Create external cloud storage for a catalog

This article describes how to create external cloud storage for Apache Iceberg™ tables for the following cloud storage providers:

  • Amazon S3

  • Google Cloud Storage (GCS)

  • Microsoft Azure container

Before you can create an internal catalog in your Polaris Catalog™ account, you must first create and configure external cloud storage for it.

Create an Amazon S3 bucket

To create a storage bucket for Amazon S3, do the following:

  1. Log in to the AWS Management Console.

  2. From the home dashboard, search for and select S3.

  3. Select Create bucket.

  4. Enter a Bucket name.

  5. If needed, configure the settings for your storage bucket or else use the default settings.

  6. Scroll to the bottom of the page and select Create bucket.

  7. Search for and select the storage bucket you created.

  8. To create a folder, select Create folder.

    Note

    As a best practice, we recommend creating this folder.

  9. Enter a Folder name where you want to store Apache Iceberg™ tables and select Create folder.

  10. Select the folder you created.

  11. To copy the S3 URI for the folder you created, select Copy S3 URI. Store the S3 URI, because you must specify it when you create a catalog in Polaris Catalog.

    Note

    When creating a catalog in Polaris Catalog, you enter the S3 URI in the Default base location field.

Create a Google Cloud Storage (GCS) bucket

To create a GCS bucket, do the following:

  1. Log in to the Google Cloud Platform Console as a project editor.

  2. From the home dashboard, hover on Products & solutions and select All products.

  3. Scroll to the Storage section and select Cloud Storage.

  4. Select Create.

  5. In the Name your bucket field, enter a name for your GCS bucket.

  6. If needed, configure the settings for your storage bucket.

  7. Select CREATE FOLDER.

  8. Enter a folder name where you want to store Apache Iceberg™ tables and select Create.

  9. Select the folder you created.

  10. To copy the path to the folder you created, select the Copy icon. Store this folder path, because you must specify it when you create a catalog in Polaris Catalog.

    Screenshot that shows the Copy icon in Google Cloud Platform.

    Note

    When creating a catalog in Polaris Catalog, you enter the S3 URI in the Default base location field.

Create a Microsoft Azure container

To create a Microsoft Azure container for your Apache Iceberg™ tables, create a container by using one of the following Azure cloud storage services:

  • Blob storage

  • Data Lake Storage Gen2

  • General-purpose v1

  • General-purpose v2

These services are the Azure cloud storage services that Polaris Catalog supports for storage integrations. A storage integration is a Polaris Catalog object that stores a generated identity and access management (IAM) entity for your external cloud storage and is created when you create a catalog.

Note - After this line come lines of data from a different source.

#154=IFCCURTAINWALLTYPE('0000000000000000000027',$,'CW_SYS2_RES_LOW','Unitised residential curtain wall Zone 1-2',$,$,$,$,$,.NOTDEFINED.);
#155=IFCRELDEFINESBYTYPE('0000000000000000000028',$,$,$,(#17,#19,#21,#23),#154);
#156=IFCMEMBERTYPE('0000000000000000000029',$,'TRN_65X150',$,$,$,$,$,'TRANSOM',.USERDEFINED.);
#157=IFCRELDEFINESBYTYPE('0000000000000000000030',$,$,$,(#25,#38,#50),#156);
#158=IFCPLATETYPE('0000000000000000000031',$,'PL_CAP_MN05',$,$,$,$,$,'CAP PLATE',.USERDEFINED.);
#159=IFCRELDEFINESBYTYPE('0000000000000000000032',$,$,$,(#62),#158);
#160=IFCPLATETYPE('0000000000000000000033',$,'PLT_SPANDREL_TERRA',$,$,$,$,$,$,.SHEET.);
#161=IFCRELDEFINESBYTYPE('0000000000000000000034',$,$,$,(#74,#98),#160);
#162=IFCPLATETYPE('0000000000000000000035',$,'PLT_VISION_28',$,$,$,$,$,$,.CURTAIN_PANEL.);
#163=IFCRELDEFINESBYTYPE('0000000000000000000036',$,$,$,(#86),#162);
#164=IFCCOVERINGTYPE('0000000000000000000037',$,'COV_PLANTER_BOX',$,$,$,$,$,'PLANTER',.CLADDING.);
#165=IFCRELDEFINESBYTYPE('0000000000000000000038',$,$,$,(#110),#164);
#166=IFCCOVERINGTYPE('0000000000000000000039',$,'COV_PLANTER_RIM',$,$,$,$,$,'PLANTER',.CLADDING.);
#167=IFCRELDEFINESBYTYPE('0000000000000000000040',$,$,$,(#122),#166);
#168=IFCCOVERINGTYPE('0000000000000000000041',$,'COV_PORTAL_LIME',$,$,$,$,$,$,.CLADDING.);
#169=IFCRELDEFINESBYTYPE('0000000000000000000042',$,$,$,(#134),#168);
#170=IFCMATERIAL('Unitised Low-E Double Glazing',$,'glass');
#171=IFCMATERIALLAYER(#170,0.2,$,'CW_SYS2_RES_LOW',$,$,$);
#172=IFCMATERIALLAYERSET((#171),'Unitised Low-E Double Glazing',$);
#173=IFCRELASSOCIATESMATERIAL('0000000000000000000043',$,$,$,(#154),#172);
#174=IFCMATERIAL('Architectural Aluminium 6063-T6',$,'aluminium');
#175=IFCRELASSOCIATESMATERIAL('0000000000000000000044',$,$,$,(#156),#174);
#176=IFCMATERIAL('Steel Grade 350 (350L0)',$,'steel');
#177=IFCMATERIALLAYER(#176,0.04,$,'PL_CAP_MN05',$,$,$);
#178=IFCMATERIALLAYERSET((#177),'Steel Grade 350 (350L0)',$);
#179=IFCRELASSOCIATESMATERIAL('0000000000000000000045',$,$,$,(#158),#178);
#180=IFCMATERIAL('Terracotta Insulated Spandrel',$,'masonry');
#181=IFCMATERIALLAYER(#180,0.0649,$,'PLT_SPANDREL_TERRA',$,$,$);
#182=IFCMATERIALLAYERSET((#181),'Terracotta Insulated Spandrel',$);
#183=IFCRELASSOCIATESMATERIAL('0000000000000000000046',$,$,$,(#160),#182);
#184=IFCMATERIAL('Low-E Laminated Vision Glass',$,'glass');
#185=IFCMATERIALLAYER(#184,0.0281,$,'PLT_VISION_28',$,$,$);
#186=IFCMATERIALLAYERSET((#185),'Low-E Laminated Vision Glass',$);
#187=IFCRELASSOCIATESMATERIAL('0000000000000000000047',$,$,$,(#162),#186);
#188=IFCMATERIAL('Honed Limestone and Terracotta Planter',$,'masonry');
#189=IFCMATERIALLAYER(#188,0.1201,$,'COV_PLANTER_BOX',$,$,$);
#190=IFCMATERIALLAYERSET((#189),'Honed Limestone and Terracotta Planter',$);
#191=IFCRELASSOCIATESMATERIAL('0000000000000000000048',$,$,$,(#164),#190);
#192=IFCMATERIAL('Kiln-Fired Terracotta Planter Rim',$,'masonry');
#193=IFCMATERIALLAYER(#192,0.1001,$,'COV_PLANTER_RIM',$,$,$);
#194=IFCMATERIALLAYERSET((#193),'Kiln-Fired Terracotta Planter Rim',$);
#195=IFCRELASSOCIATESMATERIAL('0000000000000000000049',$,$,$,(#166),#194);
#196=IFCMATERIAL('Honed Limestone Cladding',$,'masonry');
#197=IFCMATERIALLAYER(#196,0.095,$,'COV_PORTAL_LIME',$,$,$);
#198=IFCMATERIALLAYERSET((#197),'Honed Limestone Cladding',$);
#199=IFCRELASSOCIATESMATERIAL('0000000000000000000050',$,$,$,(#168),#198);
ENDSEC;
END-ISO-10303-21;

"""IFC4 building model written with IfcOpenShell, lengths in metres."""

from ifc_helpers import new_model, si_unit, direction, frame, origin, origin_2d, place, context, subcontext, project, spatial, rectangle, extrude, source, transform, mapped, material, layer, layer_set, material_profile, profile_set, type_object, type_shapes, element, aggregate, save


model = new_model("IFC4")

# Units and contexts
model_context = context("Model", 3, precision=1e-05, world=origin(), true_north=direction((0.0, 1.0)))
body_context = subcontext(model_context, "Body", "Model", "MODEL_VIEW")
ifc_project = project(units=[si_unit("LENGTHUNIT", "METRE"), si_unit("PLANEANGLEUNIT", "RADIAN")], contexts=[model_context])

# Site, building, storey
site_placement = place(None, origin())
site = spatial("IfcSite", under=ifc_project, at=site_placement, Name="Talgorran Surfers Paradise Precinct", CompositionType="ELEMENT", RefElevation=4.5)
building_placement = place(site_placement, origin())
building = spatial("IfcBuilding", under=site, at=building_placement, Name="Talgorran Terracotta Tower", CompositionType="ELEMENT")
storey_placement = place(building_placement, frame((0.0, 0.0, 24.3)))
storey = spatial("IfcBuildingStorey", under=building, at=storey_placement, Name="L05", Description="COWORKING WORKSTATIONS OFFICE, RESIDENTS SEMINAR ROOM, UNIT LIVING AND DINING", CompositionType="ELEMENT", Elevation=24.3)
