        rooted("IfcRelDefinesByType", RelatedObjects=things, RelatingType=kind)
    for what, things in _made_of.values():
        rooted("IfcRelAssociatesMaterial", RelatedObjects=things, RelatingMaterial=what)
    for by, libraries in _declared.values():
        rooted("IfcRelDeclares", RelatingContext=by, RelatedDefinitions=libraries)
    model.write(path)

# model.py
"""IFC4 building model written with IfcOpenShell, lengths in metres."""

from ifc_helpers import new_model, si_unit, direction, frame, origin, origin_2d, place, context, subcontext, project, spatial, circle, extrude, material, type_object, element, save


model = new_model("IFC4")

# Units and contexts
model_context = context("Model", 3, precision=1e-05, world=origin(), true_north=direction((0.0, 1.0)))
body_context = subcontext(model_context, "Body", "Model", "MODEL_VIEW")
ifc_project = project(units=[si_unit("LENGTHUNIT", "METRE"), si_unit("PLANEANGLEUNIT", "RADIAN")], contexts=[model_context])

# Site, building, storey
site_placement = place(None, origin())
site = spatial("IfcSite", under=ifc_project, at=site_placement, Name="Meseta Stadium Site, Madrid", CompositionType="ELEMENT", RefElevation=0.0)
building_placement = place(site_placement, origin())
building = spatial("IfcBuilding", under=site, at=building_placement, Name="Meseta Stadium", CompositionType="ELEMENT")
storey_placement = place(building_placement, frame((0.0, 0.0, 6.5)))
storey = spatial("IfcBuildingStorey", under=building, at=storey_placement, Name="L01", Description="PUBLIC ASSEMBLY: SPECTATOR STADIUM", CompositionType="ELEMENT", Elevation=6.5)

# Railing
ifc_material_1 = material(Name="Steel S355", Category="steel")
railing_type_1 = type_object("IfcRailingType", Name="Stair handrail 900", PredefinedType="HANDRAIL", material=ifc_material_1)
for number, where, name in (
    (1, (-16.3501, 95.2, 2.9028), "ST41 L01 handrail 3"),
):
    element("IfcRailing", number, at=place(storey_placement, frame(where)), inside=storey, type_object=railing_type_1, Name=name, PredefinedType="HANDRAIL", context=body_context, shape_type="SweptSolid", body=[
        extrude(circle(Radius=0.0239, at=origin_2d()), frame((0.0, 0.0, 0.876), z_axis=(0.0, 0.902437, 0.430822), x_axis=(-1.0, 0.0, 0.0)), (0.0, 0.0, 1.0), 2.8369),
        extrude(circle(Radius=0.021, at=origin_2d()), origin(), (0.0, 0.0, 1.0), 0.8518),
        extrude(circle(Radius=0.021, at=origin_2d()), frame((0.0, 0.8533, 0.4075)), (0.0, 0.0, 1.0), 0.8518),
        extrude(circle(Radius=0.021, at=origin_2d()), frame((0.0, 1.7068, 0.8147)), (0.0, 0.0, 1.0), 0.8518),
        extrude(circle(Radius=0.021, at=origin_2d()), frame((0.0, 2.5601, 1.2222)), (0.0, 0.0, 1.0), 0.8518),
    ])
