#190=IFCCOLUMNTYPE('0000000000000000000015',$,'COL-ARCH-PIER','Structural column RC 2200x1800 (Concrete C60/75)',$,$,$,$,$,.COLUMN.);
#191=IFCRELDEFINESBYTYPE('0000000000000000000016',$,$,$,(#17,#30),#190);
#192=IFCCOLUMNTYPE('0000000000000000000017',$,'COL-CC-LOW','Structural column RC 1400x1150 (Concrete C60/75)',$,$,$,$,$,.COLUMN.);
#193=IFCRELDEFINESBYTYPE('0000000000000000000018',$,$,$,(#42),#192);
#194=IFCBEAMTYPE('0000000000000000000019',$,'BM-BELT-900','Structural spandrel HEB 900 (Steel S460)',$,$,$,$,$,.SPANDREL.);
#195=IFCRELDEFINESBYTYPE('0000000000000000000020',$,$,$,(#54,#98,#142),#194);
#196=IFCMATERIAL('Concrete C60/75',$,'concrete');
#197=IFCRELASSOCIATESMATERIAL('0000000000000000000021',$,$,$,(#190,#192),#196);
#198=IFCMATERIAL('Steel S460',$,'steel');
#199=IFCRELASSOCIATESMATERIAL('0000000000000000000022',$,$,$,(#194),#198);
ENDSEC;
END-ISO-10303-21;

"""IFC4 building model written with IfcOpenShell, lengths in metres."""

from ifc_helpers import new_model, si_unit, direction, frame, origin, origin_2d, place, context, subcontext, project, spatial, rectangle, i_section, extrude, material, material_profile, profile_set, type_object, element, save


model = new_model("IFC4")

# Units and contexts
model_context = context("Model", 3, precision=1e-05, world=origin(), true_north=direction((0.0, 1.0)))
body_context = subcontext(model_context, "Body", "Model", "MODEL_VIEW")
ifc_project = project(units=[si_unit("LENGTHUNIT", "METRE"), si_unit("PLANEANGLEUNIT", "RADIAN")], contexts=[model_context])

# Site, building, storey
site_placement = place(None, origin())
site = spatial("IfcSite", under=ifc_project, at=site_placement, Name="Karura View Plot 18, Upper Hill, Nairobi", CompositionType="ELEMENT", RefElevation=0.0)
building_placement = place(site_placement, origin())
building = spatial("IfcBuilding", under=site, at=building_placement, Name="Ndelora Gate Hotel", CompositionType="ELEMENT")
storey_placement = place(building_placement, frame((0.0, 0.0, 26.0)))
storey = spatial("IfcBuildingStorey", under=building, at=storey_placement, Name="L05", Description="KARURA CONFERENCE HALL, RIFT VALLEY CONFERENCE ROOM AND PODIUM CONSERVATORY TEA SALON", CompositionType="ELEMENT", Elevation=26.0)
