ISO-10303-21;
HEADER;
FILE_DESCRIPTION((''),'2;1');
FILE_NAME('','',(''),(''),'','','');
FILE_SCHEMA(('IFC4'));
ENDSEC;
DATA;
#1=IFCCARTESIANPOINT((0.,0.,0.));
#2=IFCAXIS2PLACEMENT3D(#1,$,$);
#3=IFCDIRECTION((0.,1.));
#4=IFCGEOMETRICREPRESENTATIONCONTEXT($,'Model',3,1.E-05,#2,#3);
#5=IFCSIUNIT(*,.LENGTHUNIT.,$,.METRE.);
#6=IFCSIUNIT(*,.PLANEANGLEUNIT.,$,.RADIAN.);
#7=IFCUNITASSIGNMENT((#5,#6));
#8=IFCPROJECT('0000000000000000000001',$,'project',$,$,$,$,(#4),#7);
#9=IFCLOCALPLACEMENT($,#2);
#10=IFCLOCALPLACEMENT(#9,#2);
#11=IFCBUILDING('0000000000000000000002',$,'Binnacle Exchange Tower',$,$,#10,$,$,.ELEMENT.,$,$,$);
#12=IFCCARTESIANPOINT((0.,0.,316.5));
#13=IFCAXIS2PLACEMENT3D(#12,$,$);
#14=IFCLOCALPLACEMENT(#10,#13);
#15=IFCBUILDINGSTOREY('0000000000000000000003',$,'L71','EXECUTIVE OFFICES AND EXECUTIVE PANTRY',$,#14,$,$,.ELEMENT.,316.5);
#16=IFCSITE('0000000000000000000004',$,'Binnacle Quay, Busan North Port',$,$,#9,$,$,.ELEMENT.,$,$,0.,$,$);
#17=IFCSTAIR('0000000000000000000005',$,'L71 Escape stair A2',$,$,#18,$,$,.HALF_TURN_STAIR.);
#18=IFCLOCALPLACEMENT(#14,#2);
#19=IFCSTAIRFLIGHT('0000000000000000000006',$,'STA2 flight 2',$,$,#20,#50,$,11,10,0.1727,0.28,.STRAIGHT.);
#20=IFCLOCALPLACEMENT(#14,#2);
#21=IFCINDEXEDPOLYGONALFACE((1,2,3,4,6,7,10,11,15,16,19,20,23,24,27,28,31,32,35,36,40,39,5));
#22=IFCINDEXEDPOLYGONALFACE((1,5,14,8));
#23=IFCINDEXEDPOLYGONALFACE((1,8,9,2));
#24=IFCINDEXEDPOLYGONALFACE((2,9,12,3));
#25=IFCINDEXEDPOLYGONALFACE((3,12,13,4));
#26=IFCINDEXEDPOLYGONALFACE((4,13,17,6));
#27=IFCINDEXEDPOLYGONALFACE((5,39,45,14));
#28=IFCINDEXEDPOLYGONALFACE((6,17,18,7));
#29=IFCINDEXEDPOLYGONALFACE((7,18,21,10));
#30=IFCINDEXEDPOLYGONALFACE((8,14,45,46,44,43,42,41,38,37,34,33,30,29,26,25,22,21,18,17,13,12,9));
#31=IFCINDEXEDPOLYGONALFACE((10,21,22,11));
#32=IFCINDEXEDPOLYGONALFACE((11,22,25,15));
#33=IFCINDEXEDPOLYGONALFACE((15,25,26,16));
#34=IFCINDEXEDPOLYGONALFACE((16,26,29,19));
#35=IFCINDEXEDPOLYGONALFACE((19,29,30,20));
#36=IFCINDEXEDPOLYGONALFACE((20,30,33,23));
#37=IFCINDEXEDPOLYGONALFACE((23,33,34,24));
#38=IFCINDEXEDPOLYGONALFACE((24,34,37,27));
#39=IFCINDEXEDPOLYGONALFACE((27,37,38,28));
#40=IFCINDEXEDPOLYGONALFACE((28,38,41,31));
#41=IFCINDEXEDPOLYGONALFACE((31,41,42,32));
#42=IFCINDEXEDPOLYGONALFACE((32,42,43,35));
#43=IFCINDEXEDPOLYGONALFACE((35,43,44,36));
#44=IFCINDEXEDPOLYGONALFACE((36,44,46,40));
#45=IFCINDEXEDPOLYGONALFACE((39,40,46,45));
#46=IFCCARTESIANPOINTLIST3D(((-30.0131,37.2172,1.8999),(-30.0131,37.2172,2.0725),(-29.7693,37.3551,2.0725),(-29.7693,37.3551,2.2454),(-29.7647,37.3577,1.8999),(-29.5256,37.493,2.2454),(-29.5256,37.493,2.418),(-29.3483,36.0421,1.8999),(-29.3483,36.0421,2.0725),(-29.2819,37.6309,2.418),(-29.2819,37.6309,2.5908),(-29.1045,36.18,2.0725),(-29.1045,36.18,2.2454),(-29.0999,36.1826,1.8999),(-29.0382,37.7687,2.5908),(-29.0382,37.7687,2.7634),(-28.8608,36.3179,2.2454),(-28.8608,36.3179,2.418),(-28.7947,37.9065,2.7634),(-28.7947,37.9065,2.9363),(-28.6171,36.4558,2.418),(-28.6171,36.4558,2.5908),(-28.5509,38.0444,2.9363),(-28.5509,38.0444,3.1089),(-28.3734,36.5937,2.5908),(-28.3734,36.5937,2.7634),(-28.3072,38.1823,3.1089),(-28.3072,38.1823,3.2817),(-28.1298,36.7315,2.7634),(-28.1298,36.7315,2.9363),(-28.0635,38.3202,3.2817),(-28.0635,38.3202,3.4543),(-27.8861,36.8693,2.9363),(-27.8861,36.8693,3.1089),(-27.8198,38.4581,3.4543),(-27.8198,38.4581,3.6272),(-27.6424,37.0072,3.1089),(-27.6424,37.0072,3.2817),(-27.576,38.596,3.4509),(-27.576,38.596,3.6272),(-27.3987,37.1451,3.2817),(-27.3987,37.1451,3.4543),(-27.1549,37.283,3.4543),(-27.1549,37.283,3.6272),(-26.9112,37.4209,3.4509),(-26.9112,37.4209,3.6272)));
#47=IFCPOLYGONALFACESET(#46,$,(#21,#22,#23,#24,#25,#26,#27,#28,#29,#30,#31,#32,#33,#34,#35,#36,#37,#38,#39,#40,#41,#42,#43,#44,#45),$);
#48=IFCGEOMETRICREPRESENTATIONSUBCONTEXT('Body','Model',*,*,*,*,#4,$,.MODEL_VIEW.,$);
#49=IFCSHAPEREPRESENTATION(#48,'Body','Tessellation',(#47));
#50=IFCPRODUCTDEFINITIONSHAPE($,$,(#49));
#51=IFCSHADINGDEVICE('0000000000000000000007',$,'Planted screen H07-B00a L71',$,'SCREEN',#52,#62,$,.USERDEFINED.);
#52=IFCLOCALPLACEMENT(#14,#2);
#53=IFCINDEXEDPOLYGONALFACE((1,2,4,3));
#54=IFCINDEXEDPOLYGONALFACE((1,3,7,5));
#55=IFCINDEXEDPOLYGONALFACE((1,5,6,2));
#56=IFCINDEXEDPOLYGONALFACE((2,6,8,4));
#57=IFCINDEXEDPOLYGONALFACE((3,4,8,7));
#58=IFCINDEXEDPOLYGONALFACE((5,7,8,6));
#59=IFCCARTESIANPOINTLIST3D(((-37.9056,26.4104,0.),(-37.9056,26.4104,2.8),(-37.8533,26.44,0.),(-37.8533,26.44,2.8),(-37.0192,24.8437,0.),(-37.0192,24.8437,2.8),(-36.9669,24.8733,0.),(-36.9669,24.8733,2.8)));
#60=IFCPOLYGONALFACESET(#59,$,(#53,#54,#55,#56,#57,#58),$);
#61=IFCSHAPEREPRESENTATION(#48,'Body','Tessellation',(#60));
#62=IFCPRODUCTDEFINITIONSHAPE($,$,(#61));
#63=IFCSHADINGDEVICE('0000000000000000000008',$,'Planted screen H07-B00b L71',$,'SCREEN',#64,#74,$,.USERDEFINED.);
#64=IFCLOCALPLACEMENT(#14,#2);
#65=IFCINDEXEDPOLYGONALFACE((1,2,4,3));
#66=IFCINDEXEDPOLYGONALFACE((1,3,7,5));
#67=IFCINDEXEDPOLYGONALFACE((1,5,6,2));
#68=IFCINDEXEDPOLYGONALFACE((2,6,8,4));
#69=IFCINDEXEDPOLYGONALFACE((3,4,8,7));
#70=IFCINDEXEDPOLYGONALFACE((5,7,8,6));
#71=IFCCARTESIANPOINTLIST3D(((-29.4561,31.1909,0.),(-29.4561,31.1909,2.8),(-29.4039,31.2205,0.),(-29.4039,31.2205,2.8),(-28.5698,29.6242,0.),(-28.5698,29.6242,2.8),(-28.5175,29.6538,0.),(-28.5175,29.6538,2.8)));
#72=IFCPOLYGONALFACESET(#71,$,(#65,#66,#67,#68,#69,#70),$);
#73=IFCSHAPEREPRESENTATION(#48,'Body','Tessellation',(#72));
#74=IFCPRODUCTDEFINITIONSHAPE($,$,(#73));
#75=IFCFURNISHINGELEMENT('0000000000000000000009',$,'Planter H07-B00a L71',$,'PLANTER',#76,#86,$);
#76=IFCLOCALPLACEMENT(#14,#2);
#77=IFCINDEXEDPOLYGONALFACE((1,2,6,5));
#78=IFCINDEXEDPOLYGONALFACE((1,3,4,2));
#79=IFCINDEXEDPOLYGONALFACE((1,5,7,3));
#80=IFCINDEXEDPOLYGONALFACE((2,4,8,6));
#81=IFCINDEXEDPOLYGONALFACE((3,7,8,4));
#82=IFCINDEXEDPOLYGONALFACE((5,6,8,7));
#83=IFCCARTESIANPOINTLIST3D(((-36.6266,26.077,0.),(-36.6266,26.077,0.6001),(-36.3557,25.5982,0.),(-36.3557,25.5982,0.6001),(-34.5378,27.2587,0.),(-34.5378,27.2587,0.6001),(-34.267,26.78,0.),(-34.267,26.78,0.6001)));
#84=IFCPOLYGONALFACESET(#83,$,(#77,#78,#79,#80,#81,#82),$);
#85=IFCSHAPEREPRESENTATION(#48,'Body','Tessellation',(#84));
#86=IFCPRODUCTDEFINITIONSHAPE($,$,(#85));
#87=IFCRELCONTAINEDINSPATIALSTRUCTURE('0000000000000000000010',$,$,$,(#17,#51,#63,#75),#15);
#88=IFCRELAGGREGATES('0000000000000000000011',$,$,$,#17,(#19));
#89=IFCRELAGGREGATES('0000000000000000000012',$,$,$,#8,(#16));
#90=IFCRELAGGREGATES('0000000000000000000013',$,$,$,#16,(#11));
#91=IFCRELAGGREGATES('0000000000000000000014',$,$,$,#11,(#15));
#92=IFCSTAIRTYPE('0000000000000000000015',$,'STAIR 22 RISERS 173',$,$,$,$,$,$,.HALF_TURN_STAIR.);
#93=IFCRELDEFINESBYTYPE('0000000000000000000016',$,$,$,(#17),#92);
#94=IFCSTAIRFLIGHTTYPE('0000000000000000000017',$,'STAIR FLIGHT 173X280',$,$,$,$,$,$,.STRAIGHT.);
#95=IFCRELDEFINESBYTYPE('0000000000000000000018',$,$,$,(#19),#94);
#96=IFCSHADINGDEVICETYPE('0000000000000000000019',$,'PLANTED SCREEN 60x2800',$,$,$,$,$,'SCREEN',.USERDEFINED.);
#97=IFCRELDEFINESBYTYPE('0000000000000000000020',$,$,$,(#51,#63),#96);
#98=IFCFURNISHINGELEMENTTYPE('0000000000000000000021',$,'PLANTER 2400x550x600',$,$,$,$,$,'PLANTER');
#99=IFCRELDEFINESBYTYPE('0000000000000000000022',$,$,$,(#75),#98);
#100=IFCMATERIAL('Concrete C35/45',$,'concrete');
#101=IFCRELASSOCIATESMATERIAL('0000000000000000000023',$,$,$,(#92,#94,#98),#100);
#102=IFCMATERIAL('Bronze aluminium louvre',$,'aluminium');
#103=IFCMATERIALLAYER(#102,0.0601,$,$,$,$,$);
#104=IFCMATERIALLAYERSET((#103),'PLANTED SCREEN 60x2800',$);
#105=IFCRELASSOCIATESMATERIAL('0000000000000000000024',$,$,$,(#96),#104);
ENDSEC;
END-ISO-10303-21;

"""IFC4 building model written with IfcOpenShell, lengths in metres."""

from ifc_helpers import new_model, si_unit, direction, frame, origin, origin_2d, place, context, subcontext, project, spatial, polyline, rectangle, outline, extrude, material, layer, layer_set, type_object, element, aggregate, save


model = new_model("IFC4")

# Units and contexts
model_context = context("Model", 3, precision=1e-05, world=origin(), true_north=direction((0.0, 1.0)))
body_context = subcontext(model_context, "Body", "Model", "MODEL_VIEW")
ifc_project = project(units=[si_unit("LENGTHUNIT", "METRE"), si_unit("PLANEANGLEUNIT", "RADIAN")], contexts=[model_context])

# Site, building, storey
site_placement = place(None, origin())
site = spatial("IfcSite", under=ifc_project, at=site_placement, Name="Binnacle Quay, Busan North Port", CompositionType="ELEMENT", RefElevation=0.0)
building_placement = place(site_placement, origin())
building = spatial("IfcBuilding", under=site, at=building_placement, Name="Binnacle Exchange Tower", CompositionType="ELEMENT")
storey_placement = place(building_placement, frame((0.0, 0.0, 316.5)))
storey = spatial("IfcBuildingStorey", under=building, at=storey_placement, Name="L71", Description="EXECUTIVE OFFICES AND EXECUTIVE PANTRY", CompositionType="ELEMENT", Elevation=316.5)

# Stair, stair flight
ifc_material_1 = material(Name="Concrete C35/45", Category="concrete")
stair_type = type_object("IfcStairType", Name="STAIR 22 RISERS 173", PredefinedType="HALF_TURN_STAIR", material=ifc_material_1)
stair_placement = place(storey_placement, origin())
stair = element("IfcStair", 1, at=stair_placement, inside=storey, type_object=stair_type, Name="L71 Escape stair A2", PredefinedType="HALF_TURN_STAIR")
stair_flight_type = type_object("IfcStairFlightType", Name="STAIR FLIGHT 173X280", PredefinedType="STRAIGHT", material=ifc_material_1)
stair_flight_placement = place(storey_placement, frame((-29.6807, 36.6296, 1.8999), z_axis=(0.0, 0.0, 1.0), x_axis=(0.870356, 0.492424, 0.0)))
stair_flight = element("IfcStairFlight", 2, at=stair_flight_placement, type_object=stair_flight_type, Name="STA2 flight 2", NumberOfRisers=11, NumberOfTreads=10, PredefinedType="STRAIGHT", RiserHeight=0.1727, TreadLength=0.28, context=body_context, shape_type="SweptSolid", body=[
    extrude(outline(polyline([(0.0, 0.0), (0.0, 0.1726), (0.28, 0.1726), (0.28, 0.3455), (0.5601, 0.3455), (0.5601, 0.5181), (0.8401, 0.5181), (0.8401, 0.6909), (1.1201, 0.6909), (1.1201, 0.8635), (1.3999, 0.8635), (1.3999, 1.0364), (1.6799, 1.0364), (1.6799, 1.209), (1.96, 1.209), (1.96, 1.3818), (2.24, 1.3818), (2.24, 1.5544), (2.52, 1.5544), (2.52, 1.7273), (2.8, 1.7273), (2.8, 1.8999), (2.8, 1.551), (0.2854, 0.0), (0.0, 0.0)])), frame((0.0, 0.675, 0.0), z_axis=(0.0, -1.0, 0.0), x_axis=(1.0, 0.0, 0.0)), (0.0, 0.0, 1.0), 1.3501),
])
aggregate(stair, [stair_flight])

# Shading devices
ifc_material_2 = material(Name="Bronze aluminium louvre", Category="aluminium")
ifc_layer_1 = layer(ifc_material_2, 0.0601)
ifc_layer_set_1 = layer_set([ifc_layer_1], Name="PLANTED SCREEN 60x2800")
shading_device_type = type_object("IfcShadingDeviceType", Name="PLANTED SCREEN 60x2800", ElementType="SCREEN", PredefinedType="USERDEFINED", material=ifc_layer_set_1)
for number, where, z_axis, x_axis, name in (
    (3, (-37.4363, 25.6418, 0.0), (0.0, 0.0, 1.0), (0.870356, 0.492424, 0.0), "Planted screen H07-B00a L71"),
    (4, (-28.9868, 30.4224, 0.0), (0.0, 0.0, 1.0), (0.870356, 0.492424, 0.0), "Planted screen H07-B00b L71"),
):
    element("IfcShadingDevice", number, at=place(storey_placement, frame(where, z_axis=z_axis, x_axis=x_axis)), inside=storey, type_object=shading_device_type, Name=name, ObjectType="SCREEN", PredefinedType="USERDEFINED", context=body_context, shape_type="SweptSolid", body=[
        extrude(rectangle(XDim=0.0601, YDim=1.8, at=origin_2d()), origin(), (0.0, 0.0, 1.0), 2.8),
    ])

# Furnishing element
furnishing_element_type = type_object("IfcFurnishingElementType", Name="PLANTER 2400x550x600", ElementType="PLANTER", material=ifc_material_1)
furnishing_placement = place(storey_placement, frame((-35.4468, 26.4285, 0.0), z_axis=(0.0, 0.0, 1.0), x_axis=(0.870356, 0.492424, 0.0)))
element("IfcFurnishingElement", 5, at=furnishing_placement, inside=storey, type_object=furnishing_element_type, Name="Planter H07-B00a L71", ObjectType="PLANTER", context=body_context, shape_type="SweptSolid", body=[
    extrude(rectangle(XDim=2.3999, YDim=0.55, at=origin_2d()), origin(), (0.0, 0.0, 1.0), 0.6001),
])

save(model, "model.ifc")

Step 1: Create a storage account

  1. Log in to Azure.

  2. From the home dashboard, search for and select Storage account.

  3. Select + Create.

  4. In the Resource group field, select a resource group for your storage account or Select Create new to create a new resource group.

  5. In the Storage account name field, enter a name for your storage account.

  6. If needed, enable hierarchical namespace to use the storage account for Azure Data Lake Storage Gen2 workloads. For more information, see Create a storage account.

  7. If needed, configure the settings for your storage account.

  8. Select Review + create.

  9. Select Create.

Step 2: Create a container in your storage account

Follow these steps to create a container and copy the path to it:

  1. In Azure, navigate to the storage account you created.

  2. From the menu on the left, Select Data storage.

  3. Under Data storage, select Containers.

  4. Select + Container.

  5. Enter a Name for your container and select Create.

  6. Copy and save the name of your container. You need to specify this name when you create a catalog in Polaris Catalog.

  7. If you’re using a hierarchical namespace and need to create add a directory:

    a. Select the container you created. b. Select + Add Directory. c. Enter a Name for the directory and select Save. d. Copy and save the name of this directory. You need to specify this name when you create a catalog in Polaris Catalog.

Step 3: Copy the endpoint path to your container

  1. In Azure, navigate to the storage account you created.

  2. From the menu on the left, select Settings.

  3. Under Settings, select Endpoints.

  4. Copy and store the path to the primary endpoint for your container:

    • If you’re using blob storage, under Blob service, select the Copy to clipboard icon for the Primary endpoint: Blob service field.

    • If you’re using Azure Data Lake Storage, under Data Lake Storage, select the Copy to clipboard icon for the Primary endpoint: Data Lake Storage field.

    Note

    When creating a catalog in Polaris Catalog, you enter the path to the primary endpoint for your container in the Default base location field. The steps for creating a catalog in Polaris Catalog include instructions for how to format this path into the required format for the Default base location field.